Para Alfaro, el sociólogo, ese detalle explica todo mucho mejor: «El k-pop ha llegado a ayudar a encontrar sentido a jóvenes que viven en ciudades bombardeadas por la violencia: los accidentes, los asesinatos, los feminicidios». Para estas fanáticas, sus ídolos son un escape; un modo de alejarse de la violencia que merodea las áreas más populares de Lima, como en la que vive Graciela. El k-pop moldea sus vidas, sus amistades, sus lugares de encuentro, sus conversaciones.

Super Junior se presentará en México a fines de noviembre, y Graciela y Yuliana quieren ir. «En la mañana le lloré a mi papá», dice Graciela. Necesita ochocientos dólares, más una bolsa de viaje. Y parece que las lágrimas han dado fruto. «¿Sabes que se va a México a ver a sus chinos?», dice la madre de Graciela, mientras pasa por su habitación. Andrea explica que cualquier padre preferiría que su hija esté escuchando música sana a estar en la calle o metida en algún vicio.

Las chicas no dejan de fantasear sobre México, y se preguntan si será igual que el concierto de tres horas que dieron en Lima. Están en una reunión del club de fans en el que las chicas se organizarán para un evento en un distrito de Lima. Las han invitado para que hagan coreografías con música de Super Junior, y todas practican para ese día. Hay casi 150 personas y todas están divididas en grupos de ensayo, cada cual liderado por una chica del club. Todo está organizado en el mapa que tiene Graciela en su fólder: cuántos miembros por grupo, dónde se ubicarán el día del evento. Todo debe estar planificado, como las recaudaciones para obtener fondos para las actividades del club, las olimpiadas de integración, los viajes para obras de caridad, o conseguir cinco mil soles para los regalos de bienvenida que compraron para los diez integrantes de Super Junior que llegaron al Perú.

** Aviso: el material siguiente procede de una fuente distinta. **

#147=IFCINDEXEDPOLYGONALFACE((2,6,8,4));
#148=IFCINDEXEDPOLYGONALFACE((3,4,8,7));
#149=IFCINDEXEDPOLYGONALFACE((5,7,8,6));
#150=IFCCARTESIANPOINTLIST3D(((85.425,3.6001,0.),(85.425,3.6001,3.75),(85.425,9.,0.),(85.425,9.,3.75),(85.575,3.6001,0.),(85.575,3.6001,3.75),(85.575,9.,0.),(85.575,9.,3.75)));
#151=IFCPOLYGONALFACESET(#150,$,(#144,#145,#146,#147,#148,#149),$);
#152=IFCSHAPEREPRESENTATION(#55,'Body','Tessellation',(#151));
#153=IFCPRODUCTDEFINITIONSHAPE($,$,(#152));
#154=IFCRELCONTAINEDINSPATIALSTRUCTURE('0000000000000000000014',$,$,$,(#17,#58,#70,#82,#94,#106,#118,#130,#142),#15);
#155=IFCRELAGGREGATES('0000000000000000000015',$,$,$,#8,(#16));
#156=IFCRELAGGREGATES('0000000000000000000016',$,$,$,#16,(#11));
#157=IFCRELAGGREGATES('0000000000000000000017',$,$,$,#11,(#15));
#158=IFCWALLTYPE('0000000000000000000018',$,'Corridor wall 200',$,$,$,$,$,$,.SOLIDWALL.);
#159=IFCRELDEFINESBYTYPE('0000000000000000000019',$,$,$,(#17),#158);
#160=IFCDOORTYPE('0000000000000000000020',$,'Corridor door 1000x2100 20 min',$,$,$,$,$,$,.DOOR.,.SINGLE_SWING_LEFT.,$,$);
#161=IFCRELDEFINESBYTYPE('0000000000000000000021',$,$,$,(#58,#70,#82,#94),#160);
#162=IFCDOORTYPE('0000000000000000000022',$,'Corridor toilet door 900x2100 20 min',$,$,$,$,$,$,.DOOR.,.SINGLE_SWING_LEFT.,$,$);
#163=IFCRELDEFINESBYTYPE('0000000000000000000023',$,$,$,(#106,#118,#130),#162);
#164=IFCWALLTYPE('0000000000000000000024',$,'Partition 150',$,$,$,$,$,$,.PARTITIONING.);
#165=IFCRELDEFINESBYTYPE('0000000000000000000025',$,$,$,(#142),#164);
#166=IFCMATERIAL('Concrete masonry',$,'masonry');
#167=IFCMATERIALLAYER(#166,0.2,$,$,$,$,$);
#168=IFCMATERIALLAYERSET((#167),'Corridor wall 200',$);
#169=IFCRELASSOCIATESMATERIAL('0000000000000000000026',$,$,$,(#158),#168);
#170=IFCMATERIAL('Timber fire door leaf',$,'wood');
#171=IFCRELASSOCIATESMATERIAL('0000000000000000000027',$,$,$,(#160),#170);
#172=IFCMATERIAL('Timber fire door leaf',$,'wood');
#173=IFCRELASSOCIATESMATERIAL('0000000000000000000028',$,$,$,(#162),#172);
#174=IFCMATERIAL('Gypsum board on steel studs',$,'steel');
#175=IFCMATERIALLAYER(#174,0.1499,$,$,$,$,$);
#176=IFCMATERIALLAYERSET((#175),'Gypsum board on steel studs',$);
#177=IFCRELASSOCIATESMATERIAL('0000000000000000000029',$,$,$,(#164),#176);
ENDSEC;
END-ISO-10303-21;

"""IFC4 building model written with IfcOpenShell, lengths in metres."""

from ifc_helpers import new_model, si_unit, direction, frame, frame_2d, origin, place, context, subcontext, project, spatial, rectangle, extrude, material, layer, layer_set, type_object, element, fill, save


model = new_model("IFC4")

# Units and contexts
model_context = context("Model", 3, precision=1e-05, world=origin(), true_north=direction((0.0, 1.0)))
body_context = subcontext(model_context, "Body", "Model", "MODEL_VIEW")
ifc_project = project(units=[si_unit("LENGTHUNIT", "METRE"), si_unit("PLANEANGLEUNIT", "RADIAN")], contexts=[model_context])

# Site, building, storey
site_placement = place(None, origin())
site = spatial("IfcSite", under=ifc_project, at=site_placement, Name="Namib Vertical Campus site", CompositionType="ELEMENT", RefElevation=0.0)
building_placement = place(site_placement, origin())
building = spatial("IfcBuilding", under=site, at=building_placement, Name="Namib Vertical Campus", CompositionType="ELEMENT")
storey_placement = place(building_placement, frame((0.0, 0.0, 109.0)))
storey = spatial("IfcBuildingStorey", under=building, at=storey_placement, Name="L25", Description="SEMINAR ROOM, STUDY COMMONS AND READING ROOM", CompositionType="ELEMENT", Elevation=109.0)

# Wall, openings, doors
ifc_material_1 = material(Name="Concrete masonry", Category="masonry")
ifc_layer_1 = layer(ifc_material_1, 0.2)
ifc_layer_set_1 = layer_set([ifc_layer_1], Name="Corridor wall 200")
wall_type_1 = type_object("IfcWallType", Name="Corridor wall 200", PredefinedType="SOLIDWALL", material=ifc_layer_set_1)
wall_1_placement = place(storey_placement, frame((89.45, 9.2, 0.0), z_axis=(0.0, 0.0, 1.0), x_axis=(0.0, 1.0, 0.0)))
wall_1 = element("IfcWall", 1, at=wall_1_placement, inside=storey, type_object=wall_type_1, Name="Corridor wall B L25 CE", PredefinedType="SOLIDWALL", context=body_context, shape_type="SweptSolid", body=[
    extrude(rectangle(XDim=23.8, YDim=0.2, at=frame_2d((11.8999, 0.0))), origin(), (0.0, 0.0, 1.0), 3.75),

Paradas en el pasto de este parque público y céntrico de la ciudad, que hoy sirve como centro de convención, Graciela y sus amigas recuerdan el día de aquel concierto. Todas pidieron permiso en sus empleos y acomodaron su horario para dedicar ese día a coordinar detalles antes del show. Durante tres horas repartieron más de cinco mil banners pequeños con la frase Dreams come true a la gente que esperaba en la cola del concierto, y pedían que los alzaran cuando el grupo toque la canción Marry U. Todo fue –dice Yuliana– para que «los chicos» se llevaran un buen recuerdo del Perú. Ellos sonrieron cuando lo vieron. Fue un agradecimiento por ser tan fieles y generosos con sus fanáticas. «Por eso cuando una chica los ha estado escuchando dos meses y dice ‘soy fan’, yo pienso, ay, mamita, si supieras lo que significa ser fan».